At an Obama victory party on Tuesday night, during McCain's concession speech shown on overhead large-screen TV, I glimpsed a young black woman, showing large the whites of her eyes. She wasn't brown-black like Barack Obama, or mocha-black like Colin Powell, she was pure-blood Tanzania-black, with bright pink flesh exposed through thick African lips. And as John McCain paid homage to her ancestry, she started crying.
Not choked-back, dripping drops of tears, but real gushers, like symbolic bowls of liberation saltwater from a Passover table, spilling down her jet-black cheeks to the floor. And it kept coming, springs finding the surface, until McCain finished, when she caught me looking straight at her eyes, and she realized, I was staring because she was so beautiful.
She came over my way, and stood behind my chair, talking to a friend, making clear that John McCain's concession speech, to her, was like Frederik Willem de Klerk, handing over the post-apartheid reins of power to Nelson Mandela. She said to her friend, just behind my head: "Now we get to lead the country we built."
That made me turn around and offer to buy these two African-American women a drink. And we got to talking. The one I had been watching is Jennifer Williams. She's 27, finishing a psychology degree at Ohio University, and she had an English paper due in the morning.
She told me that her nephew, Michael Swift, who is now six years old, had said a year ago that he wished he was white. But Barack Obama's presidential campaign has changed his mind, and now Michael is proud to be black.
I confess I did not directly see Barack Obama's victory address, or hear it either. I only watched it reflected in Jennifer's big brown crying eyes, while I listend to the sounds of her upwelling. I think I got the gist.
The story of Jennifer's nephew made me think back twenty years, to a time when I visited with a Cherokee family in Oklahoma.

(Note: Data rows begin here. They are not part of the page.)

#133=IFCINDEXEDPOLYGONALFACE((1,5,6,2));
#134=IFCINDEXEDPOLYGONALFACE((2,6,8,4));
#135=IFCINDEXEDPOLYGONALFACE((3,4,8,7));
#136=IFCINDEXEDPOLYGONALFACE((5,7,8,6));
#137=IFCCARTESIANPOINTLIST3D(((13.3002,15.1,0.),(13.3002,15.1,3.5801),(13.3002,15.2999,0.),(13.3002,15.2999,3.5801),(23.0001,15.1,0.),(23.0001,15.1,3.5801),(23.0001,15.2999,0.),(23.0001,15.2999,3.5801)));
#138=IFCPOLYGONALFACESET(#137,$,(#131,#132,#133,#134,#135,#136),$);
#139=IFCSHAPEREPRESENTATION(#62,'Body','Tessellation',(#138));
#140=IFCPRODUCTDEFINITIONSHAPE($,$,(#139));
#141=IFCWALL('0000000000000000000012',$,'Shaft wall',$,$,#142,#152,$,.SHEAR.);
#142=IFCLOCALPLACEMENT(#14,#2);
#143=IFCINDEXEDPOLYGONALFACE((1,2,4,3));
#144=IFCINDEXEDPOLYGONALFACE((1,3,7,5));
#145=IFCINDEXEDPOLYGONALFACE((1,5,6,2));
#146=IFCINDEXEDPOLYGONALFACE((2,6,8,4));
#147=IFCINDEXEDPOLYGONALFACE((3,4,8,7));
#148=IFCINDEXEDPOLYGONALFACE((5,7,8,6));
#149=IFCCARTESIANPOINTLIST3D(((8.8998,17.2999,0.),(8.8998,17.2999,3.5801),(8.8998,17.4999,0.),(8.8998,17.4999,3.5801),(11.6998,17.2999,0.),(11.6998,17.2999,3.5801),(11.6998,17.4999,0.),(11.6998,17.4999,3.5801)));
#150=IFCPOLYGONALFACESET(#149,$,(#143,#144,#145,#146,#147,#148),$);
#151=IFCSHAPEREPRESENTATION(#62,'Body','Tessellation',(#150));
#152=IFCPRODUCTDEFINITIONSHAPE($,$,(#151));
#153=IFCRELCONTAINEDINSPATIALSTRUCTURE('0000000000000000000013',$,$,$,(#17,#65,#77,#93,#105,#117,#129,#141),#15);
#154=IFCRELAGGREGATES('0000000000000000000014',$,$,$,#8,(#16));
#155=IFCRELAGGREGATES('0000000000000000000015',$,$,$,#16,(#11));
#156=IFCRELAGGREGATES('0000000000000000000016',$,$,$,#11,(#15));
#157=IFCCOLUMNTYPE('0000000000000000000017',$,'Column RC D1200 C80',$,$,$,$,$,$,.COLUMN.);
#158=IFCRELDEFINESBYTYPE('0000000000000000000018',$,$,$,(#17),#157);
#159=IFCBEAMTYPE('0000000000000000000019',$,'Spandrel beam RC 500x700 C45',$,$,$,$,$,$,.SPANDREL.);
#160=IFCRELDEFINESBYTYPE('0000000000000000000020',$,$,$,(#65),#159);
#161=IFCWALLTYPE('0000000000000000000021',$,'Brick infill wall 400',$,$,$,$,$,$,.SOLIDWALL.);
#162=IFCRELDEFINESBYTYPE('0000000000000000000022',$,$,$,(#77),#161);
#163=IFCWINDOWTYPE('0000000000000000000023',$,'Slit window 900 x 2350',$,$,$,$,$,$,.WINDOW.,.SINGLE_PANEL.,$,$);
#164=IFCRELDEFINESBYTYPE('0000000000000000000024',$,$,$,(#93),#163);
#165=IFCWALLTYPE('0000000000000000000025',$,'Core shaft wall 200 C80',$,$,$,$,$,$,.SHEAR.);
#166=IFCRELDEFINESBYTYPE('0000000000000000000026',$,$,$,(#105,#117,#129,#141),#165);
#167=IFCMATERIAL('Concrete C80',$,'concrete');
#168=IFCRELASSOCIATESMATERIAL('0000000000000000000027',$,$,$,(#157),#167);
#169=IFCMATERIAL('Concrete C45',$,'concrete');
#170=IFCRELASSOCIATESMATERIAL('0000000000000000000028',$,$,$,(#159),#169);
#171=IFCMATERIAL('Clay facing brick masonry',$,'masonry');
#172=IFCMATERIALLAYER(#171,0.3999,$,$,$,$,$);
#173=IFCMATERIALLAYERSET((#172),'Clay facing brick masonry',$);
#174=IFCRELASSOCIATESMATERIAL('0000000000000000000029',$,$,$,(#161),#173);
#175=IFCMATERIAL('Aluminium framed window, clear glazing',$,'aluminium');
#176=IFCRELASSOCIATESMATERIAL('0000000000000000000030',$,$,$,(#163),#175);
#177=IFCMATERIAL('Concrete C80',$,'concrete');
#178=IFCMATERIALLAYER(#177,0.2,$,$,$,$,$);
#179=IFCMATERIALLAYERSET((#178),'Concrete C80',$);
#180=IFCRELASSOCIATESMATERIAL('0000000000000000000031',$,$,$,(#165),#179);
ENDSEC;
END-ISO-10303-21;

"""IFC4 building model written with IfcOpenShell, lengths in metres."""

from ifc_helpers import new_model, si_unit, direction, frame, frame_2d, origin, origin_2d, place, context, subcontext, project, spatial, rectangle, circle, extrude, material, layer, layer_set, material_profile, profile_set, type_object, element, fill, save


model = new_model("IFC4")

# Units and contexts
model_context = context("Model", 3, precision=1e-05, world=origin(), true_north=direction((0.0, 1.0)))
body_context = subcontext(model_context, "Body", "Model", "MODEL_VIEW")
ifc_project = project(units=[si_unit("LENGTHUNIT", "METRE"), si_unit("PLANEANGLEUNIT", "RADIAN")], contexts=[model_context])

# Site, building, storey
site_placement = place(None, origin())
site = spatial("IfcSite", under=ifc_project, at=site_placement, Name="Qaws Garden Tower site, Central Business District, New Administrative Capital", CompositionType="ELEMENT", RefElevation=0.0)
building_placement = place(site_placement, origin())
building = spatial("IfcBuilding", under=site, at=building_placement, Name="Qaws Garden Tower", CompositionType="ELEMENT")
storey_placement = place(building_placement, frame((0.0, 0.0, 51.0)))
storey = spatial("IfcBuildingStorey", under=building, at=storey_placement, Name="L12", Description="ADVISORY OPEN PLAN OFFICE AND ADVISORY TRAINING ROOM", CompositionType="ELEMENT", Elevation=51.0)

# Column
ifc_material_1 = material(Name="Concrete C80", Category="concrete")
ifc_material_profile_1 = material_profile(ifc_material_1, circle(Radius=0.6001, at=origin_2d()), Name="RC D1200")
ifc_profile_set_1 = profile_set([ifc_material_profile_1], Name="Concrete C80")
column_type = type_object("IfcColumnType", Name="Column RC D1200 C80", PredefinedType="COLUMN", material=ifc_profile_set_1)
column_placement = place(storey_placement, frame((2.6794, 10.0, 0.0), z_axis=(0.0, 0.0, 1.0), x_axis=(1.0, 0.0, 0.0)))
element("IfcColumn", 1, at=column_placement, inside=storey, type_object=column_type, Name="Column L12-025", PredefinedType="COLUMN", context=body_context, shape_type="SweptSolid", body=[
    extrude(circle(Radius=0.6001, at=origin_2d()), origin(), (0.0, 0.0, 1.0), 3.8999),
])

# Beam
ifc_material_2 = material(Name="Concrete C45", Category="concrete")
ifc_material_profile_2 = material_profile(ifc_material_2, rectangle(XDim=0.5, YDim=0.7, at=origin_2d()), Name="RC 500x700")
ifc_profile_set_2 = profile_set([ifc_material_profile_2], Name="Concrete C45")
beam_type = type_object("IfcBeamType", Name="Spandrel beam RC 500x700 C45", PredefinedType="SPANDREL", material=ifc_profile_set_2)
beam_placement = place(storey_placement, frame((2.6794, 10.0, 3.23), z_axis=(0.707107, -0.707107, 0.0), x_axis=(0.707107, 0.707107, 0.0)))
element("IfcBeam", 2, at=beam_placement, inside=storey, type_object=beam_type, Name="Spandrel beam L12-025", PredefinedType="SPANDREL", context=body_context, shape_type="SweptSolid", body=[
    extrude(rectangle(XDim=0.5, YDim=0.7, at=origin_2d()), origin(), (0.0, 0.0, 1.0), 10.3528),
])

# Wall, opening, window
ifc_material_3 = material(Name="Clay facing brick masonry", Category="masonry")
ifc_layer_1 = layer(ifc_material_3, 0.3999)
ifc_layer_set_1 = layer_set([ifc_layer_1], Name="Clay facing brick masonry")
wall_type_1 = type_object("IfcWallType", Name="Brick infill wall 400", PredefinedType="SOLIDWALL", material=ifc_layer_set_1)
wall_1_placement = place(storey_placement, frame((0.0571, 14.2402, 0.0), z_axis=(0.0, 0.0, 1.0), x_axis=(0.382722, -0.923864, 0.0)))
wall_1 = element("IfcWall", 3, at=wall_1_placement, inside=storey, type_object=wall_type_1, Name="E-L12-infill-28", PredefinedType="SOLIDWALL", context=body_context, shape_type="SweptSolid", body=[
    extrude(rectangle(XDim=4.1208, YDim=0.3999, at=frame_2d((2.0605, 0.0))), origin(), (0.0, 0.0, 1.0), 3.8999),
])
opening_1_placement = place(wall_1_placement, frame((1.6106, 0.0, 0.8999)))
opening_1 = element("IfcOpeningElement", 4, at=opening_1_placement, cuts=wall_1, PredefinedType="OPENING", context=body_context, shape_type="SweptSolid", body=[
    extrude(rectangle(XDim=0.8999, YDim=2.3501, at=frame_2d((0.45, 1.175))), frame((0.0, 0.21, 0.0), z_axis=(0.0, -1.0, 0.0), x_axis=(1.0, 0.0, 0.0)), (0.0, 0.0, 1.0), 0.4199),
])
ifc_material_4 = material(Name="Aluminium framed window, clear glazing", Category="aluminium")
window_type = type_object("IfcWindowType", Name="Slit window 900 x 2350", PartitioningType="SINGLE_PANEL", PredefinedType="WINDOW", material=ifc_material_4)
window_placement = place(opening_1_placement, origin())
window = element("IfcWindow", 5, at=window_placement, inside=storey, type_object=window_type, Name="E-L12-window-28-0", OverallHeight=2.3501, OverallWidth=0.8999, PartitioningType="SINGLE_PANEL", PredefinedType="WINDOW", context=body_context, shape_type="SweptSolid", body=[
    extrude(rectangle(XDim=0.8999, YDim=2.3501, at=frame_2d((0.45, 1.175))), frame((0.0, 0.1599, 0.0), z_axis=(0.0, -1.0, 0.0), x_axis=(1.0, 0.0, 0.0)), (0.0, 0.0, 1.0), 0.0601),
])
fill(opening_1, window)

They were watching Rambo on the TV set, because all of the friends of their six-year old son had already seen it. At one point I was left alone with the boy, as the movie still played, with the noise of Sylvester Stallone machine-gunning Vietnamese soldiers out of trees. I asked the boy what he thought of Rambo, and the boy said, "Rambo is good, he's my hero!" I asked whether it was good to kill all those people, and he said "yes!" I asked why, and he said, "because they are black!"
The horrifying thing is that the boy's own skin tone was darker than that of the Vietnamese portrayed in the film.

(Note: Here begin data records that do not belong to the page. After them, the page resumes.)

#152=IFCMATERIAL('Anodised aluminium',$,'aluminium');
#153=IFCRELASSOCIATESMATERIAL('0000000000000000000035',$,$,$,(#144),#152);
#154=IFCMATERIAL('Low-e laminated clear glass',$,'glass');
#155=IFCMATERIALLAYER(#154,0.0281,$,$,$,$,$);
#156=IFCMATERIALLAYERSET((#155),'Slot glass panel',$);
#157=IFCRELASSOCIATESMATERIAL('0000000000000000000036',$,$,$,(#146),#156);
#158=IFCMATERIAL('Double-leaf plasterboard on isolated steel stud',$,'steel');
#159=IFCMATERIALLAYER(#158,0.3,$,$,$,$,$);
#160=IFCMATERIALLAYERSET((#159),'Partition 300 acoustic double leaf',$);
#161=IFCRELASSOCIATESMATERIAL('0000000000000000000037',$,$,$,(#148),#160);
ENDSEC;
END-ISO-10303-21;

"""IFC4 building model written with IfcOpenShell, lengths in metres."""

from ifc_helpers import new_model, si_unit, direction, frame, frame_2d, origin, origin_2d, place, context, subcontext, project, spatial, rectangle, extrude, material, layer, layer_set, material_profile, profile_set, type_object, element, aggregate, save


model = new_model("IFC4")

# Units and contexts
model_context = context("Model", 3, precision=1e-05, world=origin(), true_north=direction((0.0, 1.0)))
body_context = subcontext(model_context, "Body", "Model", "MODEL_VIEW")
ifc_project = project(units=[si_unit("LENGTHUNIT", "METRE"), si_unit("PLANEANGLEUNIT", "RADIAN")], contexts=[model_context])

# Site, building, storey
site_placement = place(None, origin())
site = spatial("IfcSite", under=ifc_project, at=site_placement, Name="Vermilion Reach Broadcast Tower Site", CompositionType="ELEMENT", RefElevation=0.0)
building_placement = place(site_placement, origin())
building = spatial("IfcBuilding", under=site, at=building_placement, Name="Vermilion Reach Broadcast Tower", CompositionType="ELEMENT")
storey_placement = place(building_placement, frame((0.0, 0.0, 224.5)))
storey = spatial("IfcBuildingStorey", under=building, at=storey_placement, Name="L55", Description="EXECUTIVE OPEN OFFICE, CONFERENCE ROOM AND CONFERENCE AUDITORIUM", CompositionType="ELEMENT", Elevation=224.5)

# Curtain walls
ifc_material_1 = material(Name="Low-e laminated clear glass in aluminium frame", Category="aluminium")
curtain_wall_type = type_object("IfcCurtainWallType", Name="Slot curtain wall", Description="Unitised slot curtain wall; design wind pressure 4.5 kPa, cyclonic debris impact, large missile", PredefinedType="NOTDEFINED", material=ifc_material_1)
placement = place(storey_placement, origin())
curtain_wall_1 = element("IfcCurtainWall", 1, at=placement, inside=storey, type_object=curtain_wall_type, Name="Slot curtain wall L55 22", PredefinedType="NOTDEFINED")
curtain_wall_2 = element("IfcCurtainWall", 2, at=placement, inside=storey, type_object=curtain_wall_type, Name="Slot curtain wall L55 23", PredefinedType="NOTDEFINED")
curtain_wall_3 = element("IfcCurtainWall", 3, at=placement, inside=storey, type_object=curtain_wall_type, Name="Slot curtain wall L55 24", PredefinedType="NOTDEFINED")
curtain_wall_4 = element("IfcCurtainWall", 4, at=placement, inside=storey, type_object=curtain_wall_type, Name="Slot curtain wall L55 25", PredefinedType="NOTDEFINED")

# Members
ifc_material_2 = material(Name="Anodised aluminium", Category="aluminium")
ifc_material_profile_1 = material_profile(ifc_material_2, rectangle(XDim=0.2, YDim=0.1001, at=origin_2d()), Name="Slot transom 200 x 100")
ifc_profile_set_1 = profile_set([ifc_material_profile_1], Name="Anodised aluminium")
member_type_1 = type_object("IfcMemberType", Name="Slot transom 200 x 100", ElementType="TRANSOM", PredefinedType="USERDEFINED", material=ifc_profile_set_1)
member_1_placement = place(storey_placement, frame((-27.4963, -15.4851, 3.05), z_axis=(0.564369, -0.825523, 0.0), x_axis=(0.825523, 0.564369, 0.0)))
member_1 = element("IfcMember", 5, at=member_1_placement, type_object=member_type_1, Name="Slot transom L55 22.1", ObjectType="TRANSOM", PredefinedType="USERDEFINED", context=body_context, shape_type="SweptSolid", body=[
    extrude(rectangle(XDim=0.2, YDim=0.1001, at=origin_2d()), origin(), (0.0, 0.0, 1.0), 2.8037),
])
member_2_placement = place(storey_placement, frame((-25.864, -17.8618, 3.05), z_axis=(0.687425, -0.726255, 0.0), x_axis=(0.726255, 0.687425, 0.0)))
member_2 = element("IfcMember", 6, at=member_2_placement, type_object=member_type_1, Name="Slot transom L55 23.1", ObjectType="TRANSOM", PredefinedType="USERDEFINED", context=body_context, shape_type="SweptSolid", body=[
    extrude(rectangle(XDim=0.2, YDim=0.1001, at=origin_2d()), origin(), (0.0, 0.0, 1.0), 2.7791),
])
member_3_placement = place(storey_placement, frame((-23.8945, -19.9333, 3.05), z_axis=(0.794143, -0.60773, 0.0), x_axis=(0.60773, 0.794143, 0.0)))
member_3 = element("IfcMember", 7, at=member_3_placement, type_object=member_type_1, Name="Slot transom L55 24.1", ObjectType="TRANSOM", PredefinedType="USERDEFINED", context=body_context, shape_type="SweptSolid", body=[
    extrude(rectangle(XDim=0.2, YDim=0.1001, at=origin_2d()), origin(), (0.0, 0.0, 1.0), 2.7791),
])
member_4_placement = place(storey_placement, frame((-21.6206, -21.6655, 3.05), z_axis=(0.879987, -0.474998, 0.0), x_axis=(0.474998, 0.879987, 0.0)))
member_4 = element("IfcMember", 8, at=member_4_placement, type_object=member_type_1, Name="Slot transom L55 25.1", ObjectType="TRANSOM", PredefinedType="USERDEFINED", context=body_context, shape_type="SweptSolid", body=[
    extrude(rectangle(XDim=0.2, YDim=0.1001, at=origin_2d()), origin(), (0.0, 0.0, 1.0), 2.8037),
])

The real transformation of Tuesday night is that Michael Swift will never remember or believe that he once wished he were another color. And the enemies of this nation will never again be identifiable by their skin.
Driving home late on Tuesday night (early Wednesday morning), I knew what I would have to do. I live in a very old house on the Scioto Trail built by an abolitionist family named Barnes, that became a principal Underground Railroad Station between the early 1800s and the Civil War. Abraham Lincoln visited the house in late 1848, which may have prompted him to first propose a piece of abolitionist legislation in January of 1849 (a bill that would have outlawed slavery in the District of Columbia). It was a Barnes who became the first south Ohio recruit and casualty of the Civil War. The ritual of leaving flowers at his monument in Portsmouth, Ohio, gave rise to the national holiday of Memorial Day.
So there's a lot of lore about my house. Credible area residents including the former editor of the county paper, have seen a ghostly image through the shutters of my upstairs balustrade doors, outside the room where Lincoln slept, backlit when the house was vacant with no electric power. The "ghost" has the image, according to reports, of a black girl hanging in a noose. And the funny thing is, though this is serious business, that none of the witnesses knew anything about this house serving as an Underground Railroad station.
Nor is there any record of blacks residing in this house (though in 1850, the county served as official refuge for over five hundred fugitive slaves). Raiding parties of southern slave-owners did come through, fought by the Barnes through political and religious agitation.
Whether a black girl really was lynched on the property is something beyond current documentation. But at dawn on Wednesday morning, I went upstairs, and I opened those balustrade doors to the fresh cool air. If any ancestral spirits were still captive at this station, they are free, at last.
___________________________________________
In dedication to the memory of John and Elizabeth Boydston Barnes, Isaac Newton and Mary Magdalene Barnes, John Milton Barnes, Henry Clay Barnes, and Blanche Richardson Barnes. They made Tuesday night possible, more than we.